Sejarawan Israel Hadir dalam Simposium Pernaskahan Nusantara, FIB UI Klarifikasi

FIB UI klarifikasi terkait kehadiran Sejarawan Israel dalam Simposium Pernaskahan Nusantara

Sejarawan Israel Hadir dalam Simposium Pernaskahan Nusantara, FIB UI Klarifikasi

INILAHKORAN - Fakultas Ilmu Pengetahuan Budaya Universitas Indonesia (FIB UI) memberikan klarifikasi setelah ramai sorotan publik terkait kehadiran sejarawan asal Israel, Ronit Ricci, sebagai narasumber dalam Simposium Pernaskahan Nusantara XX dan Musyawarah Nasional Manassa VII.

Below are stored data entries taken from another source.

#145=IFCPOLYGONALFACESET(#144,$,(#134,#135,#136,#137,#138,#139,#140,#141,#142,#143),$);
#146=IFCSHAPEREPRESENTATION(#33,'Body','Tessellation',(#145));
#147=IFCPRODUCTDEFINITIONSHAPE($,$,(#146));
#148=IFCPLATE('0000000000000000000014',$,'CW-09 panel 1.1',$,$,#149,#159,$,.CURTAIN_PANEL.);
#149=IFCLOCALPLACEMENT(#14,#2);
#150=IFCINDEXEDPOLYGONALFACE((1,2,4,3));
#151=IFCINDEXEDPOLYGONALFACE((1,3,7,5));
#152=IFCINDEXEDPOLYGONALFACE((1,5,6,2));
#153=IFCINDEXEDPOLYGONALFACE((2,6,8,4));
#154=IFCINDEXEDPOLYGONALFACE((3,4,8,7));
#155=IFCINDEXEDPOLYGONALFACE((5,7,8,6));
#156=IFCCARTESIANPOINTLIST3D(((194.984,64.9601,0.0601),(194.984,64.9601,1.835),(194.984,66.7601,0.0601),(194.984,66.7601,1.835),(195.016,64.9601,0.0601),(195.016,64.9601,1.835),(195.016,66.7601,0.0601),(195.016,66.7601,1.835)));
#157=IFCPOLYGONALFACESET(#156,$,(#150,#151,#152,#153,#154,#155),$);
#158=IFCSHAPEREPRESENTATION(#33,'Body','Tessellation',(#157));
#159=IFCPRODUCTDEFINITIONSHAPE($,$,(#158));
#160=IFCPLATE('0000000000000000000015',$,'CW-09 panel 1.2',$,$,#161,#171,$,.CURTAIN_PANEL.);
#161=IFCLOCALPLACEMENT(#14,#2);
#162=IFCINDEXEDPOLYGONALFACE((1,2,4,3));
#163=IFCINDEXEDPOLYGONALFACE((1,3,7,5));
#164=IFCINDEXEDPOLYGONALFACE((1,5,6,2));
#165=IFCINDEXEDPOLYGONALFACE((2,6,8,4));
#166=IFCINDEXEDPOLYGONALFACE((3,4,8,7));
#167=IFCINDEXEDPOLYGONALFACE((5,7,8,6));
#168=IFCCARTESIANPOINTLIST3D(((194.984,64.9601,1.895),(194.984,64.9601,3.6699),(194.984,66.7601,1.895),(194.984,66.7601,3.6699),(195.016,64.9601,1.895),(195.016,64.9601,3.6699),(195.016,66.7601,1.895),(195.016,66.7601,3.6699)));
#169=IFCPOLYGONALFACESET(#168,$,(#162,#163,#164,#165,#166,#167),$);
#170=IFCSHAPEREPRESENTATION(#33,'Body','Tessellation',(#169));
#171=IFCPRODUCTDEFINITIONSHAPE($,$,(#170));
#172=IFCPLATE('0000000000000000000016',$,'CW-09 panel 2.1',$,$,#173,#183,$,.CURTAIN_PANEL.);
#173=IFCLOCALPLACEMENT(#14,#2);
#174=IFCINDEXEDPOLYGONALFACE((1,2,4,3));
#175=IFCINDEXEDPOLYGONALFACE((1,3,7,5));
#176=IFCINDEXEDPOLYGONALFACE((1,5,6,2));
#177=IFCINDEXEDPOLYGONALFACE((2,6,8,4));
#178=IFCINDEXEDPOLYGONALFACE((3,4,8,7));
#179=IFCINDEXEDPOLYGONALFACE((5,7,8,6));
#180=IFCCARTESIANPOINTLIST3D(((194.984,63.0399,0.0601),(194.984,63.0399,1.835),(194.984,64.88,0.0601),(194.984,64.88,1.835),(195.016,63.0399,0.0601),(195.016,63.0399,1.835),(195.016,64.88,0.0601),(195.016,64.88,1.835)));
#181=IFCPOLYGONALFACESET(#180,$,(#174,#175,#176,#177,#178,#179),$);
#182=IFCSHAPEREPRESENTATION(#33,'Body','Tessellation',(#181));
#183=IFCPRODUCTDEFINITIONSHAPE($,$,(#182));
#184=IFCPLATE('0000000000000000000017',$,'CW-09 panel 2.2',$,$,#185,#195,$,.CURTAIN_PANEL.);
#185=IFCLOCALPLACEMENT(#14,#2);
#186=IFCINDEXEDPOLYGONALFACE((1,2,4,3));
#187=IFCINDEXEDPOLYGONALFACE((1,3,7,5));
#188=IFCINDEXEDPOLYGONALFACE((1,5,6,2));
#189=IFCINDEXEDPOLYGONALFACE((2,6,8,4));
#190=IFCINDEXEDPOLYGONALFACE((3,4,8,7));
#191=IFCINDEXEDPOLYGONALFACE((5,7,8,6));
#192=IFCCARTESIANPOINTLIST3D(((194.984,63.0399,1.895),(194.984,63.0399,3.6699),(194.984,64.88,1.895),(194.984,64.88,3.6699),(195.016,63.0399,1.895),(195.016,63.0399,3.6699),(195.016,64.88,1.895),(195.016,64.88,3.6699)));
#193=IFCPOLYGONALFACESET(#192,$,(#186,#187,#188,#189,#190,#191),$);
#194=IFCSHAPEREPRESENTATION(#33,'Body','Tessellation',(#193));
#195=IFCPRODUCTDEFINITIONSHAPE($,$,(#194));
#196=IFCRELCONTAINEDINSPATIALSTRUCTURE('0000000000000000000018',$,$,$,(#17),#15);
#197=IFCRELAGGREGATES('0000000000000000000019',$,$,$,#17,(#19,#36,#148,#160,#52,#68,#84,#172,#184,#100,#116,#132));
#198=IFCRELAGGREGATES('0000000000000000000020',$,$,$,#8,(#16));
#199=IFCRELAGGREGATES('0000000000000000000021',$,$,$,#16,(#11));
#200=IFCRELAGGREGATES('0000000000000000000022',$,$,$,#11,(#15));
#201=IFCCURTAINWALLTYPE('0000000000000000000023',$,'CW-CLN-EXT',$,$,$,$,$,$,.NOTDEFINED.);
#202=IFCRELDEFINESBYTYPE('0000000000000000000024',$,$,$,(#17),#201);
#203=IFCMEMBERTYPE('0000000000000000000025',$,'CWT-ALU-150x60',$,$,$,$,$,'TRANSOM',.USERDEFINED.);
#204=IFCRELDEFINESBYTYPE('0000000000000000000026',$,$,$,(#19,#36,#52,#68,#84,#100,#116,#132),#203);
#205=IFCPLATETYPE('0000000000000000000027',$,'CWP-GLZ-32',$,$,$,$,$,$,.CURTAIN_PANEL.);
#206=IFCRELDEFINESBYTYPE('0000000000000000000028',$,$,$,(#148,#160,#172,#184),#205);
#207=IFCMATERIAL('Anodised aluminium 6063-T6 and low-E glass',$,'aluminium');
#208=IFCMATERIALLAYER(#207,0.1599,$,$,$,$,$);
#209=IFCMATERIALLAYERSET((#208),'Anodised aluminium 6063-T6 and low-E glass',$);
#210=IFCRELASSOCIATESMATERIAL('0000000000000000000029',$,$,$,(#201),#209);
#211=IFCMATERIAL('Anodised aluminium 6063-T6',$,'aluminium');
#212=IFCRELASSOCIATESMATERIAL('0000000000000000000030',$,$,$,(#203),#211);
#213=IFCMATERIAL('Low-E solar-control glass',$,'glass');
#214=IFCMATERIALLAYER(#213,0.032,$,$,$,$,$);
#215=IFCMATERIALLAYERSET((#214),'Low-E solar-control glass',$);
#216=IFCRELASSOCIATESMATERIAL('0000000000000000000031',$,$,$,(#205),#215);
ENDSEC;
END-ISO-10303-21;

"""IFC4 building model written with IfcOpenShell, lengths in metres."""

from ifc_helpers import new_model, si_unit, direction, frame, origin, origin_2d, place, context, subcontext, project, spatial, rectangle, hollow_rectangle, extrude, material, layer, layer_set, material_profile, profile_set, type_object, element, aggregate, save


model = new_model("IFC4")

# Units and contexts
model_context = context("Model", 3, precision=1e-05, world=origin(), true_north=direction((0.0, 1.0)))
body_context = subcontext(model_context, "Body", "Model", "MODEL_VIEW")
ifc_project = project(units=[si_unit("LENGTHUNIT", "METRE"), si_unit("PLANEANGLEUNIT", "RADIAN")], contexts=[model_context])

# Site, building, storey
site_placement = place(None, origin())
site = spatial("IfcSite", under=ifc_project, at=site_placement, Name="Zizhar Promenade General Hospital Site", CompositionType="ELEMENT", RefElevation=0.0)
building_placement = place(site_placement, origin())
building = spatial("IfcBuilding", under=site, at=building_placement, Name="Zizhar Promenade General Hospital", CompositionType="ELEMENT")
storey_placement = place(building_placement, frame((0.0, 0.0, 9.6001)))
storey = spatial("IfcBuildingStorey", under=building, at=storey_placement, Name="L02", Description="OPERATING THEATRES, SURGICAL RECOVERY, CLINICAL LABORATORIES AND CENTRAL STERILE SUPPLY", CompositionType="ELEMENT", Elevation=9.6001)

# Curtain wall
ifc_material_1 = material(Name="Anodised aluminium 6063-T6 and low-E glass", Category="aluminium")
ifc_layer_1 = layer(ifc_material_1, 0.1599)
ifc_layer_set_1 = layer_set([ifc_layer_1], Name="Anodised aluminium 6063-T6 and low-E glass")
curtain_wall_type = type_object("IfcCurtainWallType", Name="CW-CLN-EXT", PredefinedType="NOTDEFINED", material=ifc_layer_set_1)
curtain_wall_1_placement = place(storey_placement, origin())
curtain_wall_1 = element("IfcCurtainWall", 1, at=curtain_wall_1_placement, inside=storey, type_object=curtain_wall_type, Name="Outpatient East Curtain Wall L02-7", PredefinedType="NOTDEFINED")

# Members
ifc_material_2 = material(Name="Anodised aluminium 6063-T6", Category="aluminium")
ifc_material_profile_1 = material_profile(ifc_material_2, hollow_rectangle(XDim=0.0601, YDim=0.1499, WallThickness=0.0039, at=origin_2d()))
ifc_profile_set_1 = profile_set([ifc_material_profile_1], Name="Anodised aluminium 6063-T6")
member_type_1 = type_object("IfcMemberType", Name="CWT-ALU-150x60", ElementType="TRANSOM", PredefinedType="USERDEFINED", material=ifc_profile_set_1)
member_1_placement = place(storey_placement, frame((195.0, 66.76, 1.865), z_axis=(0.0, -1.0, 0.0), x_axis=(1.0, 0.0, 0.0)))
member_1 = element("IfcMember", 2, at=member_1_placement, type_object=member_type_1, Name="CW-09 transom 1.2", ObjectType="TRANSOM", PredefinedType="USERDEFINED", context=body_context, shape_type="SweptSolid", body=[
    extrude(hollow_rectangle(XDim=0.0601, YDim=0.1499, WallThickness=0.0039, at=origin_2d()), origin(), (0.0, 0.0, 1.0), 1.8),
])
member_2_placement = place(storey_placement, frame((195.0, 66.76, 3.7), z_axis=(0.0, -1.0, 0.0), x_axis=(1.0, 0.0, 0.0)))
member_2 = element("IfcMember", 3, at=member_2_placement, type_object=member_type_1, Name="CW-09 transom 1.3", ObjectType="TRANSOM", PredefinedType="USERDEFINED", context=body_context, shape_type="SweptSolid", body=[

Acara bertema “Naskah Nusantara: Ingatan Kolektif dan Masa Depan Filologi Indonesia” itu dijadwalkan berlangsung pada 15–17 Oktober 2025. Penyelenggaraan dilakukan oleh Masyarakat

Naskah Nusantara (Manassa) bekerja sama dengan Perpustakaan Nasional RI, dengan mencantumkan logo Universitas Indonesia (UI) pada materi acara.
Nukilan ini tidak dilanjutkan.